Trevante Rhodes: I read the book after I got the script. Although I was obviously very aware of 9/11, I was fascinated by this story which I had never heard about. I thought that these first responders and the way in which they prevailed was not only unique but pretty important. So, I felt that it was awesome to have an opportunity to be a part of turning this little-known story into a movie. Of course, I also jumped at the chance to work with [producer] Jerry Bruckheimer and the terrific cast attached to the project.
How did you prepare to play Sergeant First Class Ben Milo?
TR: My preparation included speaking to quite a few veterans. They were very open and honest about both their downtime and battle experiences. They shared the good, the bad, and everything in between. We also had Army Ranger training for three or four weeks which was not only educational but very valuable in terms of our bonding as a unit.
What do you want the audience to learn from the movie?
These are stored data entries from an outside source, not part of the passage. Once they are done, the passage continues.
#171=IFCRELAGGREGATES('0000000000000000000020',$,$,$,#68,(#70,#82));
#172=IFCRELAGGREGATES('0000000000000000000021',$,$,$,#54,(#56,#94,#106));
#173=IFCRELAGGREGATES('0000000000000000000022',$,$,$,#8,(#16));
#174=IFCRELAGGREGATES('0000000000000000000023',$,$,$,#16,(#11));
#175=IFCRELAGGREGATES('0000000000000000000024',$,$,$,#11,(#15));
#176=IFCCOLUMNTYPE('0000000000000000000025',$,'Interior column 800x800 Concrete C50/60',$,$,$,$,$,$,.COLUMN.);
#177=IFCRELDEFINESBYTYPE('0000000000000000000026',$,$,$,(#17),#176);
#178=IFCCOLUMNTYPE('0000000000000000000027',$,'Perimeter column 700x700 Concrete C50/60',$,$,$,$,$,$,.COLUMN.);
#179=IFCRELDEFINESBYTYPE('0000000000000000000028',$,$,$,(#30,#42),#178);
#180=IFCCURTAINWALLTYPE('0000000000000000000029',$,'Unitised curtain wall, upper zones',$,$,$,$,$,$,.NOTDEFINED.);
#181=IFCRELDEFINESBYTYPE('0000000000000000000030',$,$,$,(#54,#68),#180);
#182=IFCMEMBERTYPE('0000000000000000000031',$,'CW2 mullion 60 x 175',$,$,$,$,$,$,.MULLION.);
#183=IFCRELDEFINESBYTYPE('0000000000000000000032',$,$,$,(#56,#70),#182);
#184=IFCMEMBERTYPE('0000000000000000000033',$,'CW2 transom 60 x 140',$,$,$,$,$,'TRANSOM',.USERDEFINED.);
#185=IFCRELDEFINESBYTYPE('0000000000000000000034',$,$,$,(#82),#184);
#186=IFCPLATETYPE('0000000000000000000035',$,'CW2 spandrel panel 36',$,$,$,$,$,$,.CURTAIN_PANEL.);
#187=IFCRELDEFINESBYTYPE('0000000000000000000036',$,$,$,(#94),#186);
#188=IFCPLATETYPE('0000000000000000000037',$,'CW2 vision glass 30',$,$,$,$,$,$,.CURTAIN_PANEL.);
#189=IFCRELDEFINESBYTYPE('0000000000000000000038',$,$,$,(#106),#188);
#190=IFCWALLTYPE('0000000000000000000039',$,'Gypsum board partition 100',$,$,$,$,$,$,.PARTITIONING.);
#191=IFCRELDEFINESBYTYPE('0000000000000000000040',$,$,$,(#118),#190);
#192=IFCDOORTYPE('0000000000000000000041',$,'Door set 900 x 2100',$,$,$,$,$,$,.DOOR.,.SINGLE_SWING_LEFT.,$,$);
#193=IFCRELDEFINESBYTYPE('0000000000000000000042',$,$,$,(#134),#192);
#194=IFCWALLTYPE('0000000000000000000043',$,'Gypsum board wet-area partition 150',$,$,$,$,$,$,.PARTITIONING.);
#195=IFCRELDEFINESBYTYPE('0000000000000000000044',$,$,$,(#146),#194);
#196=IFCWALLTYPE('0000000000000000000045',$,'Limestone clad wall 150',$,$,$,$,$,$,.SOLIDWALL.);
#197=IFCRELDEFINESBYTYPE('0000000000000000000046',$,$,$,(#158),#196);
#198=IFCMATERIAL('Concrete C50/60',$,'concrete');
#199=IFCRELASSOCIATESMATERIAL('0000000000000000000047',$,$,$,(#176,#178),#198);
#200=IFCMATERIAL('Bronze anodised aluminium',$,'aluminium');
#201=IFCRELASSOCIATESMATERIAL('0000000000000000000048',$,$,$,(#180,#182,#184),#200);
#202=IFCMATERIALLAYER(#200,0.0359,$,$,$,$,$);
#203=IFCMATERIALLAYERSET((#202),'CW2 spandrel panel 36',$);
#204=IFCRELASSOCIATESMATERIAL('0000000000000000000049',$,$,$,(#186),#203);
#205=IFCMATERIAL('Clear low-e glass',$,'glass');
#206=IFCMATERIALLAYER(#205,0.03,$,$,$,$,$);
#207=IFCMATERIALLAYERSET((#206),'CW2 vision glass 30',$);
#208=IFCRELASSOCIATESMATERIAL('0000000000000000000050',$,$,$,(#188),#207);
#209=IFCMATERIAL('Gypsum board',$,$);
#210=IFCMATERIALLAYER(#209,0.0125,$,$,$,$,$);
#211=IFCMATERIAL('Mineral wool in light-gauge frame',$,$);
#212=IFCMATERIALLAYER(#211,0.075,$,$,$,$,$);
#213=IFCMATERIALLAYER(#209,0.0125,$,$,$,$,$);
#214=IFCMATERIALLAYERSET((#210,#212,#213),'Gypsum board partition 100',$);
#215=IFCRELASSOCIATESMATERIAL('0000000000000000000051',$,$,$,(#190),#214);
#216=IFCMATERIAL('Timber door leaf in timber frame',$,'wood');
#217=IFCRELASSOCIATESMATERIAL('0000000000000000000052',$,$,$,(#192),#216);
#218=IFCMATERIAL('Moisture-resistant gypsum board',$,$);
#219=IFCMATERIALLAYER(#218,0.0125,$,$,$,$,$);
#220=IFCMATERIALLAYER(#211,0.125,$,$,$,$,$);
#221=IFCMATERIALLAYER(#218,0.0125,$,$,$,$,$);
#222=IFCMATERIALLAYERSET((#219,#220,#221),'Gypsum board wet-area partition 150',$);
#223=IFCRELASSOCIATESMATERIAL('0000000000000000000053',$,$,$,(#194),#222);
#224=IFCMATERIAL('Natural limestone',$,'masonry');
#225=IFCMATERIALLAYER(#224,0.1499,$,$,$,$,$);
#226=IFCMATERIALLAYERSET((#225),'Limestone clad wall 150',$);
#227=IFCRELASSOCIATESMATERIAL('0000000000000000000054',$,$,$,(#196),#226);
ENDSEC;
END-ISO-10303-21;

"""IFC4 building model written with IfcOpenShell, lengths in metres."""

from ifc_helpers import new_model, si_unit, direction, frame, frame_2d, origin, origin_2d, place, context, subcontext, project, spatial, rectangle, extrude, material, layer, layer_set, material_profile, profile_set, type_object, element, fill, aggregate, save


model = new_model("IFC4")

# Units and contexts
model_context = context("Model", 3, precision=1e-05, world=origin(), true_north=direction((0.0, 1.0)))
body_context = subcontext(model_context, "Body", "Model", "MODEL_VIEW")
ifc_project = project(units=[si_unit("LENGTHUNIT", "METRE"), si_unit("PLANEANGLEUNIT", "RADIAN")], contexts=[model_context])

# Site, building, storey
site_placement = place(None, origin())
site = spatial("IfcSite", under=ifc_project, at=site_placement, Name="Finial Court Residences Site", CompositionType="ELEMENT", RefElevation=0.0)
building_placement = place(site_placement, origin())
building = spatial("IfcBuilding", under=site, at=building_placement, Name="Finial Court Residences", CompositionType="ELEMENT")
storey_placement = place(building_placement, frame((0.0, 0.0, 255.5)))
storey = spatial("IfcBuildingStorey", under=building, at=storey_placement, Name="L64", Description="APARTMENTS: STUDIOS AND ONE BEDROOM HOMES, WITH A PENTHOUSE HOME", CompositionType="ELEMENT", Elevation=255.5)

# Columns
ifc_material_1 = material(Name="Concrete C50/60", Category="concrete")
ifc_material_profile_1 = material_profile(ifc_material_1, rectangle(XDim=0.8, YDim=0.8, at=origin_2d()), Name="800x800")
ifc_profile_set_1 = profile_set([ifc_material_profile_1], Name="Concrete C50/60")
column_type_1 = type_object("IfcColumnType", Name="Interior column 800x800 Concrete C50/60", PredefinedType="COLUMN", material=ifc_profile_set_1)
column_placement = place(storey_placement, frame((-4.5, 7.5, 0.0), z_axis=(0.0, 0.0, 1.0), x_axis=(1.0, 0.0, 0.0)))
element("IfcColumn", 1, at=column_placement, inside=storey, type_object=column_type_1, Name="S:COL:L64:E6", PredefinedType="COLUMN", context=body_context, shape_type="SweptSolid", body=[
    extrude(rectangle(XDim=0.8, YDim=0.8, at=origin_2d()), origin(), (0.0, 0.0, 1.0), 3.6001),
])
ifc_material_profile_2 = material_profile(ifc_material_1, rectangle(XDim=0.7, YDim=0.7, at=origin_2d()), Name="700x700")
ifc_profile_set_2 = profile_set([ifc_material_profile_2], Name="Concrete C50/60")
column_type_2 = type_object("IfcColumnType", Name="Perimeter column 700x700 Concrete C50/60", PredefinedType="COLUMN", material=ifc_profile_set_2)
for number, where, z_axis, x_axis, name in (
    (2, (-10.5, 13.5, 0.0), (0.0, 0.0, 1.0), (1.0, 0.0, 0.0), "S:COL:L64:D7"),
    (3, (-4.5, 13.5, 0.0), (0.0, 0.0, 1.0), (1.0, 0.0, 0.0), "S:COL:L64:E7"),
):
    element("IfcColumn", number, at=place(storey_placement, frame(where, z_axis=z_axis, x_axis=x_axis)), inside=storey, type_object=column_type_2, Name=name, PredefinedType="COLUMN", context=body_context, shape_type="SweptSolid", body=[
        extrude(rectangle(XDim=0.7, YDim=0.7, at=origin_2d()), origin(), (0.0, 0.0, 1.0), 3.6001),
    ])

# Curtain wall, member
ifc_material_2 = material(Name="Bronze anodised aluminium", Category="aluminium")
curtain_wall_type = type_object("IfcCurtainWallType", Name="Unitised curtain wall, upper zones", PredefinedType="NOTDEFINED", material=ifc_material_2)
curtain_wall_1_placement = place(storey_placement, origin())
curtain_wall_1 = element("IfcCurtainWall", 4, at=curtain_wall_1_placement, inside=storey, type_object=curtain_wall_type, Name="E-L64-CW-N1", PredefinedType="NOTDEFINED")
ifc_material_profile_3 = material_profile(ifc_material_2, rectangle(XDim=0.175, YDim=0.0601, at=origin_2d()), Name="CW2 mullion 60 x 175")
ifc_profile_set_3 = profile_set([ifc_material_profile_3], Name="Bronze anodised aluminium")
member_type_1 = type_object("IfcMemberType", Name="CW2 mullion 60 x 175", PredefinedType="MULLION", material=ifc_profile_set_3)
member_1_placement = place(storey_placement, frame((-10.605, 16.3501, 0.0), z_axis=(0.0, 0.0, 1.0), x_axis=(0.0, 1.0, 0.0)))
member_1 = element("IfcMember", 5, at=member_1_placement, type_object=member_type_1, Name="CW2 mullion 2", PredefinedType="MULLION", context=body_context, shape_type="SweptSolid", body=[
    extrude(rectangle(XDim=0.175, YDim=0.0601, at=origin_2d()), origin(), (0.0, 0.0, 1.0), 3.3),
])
TR: I’d like them to come away with an accurate perspective of what it was like in Afghanistan after 9/11. For instance, I was 11 years-old at the time, and I believed all the people over there were bad. But that’s obviously not the case, since the only reason why this mission succeeded was because of a lot of help from some locals. Another message is how valuable connectivity, love, honesty and being there for one another are.
Is there a genre out of your comfort zone that you would like to try?
TR: To be quite honest, nothing I’ve encountered thus far is outside of my comfort zone. I hope that every film I do is very different from the previous one. What I’m always looking for as an actor is to be challenged in a new way. That way I can be educated and grow. It also enables you to appreciate different points-of-view through your own eyes. But I might not be ready to do a comedy yet, unless I could find one with a cool message.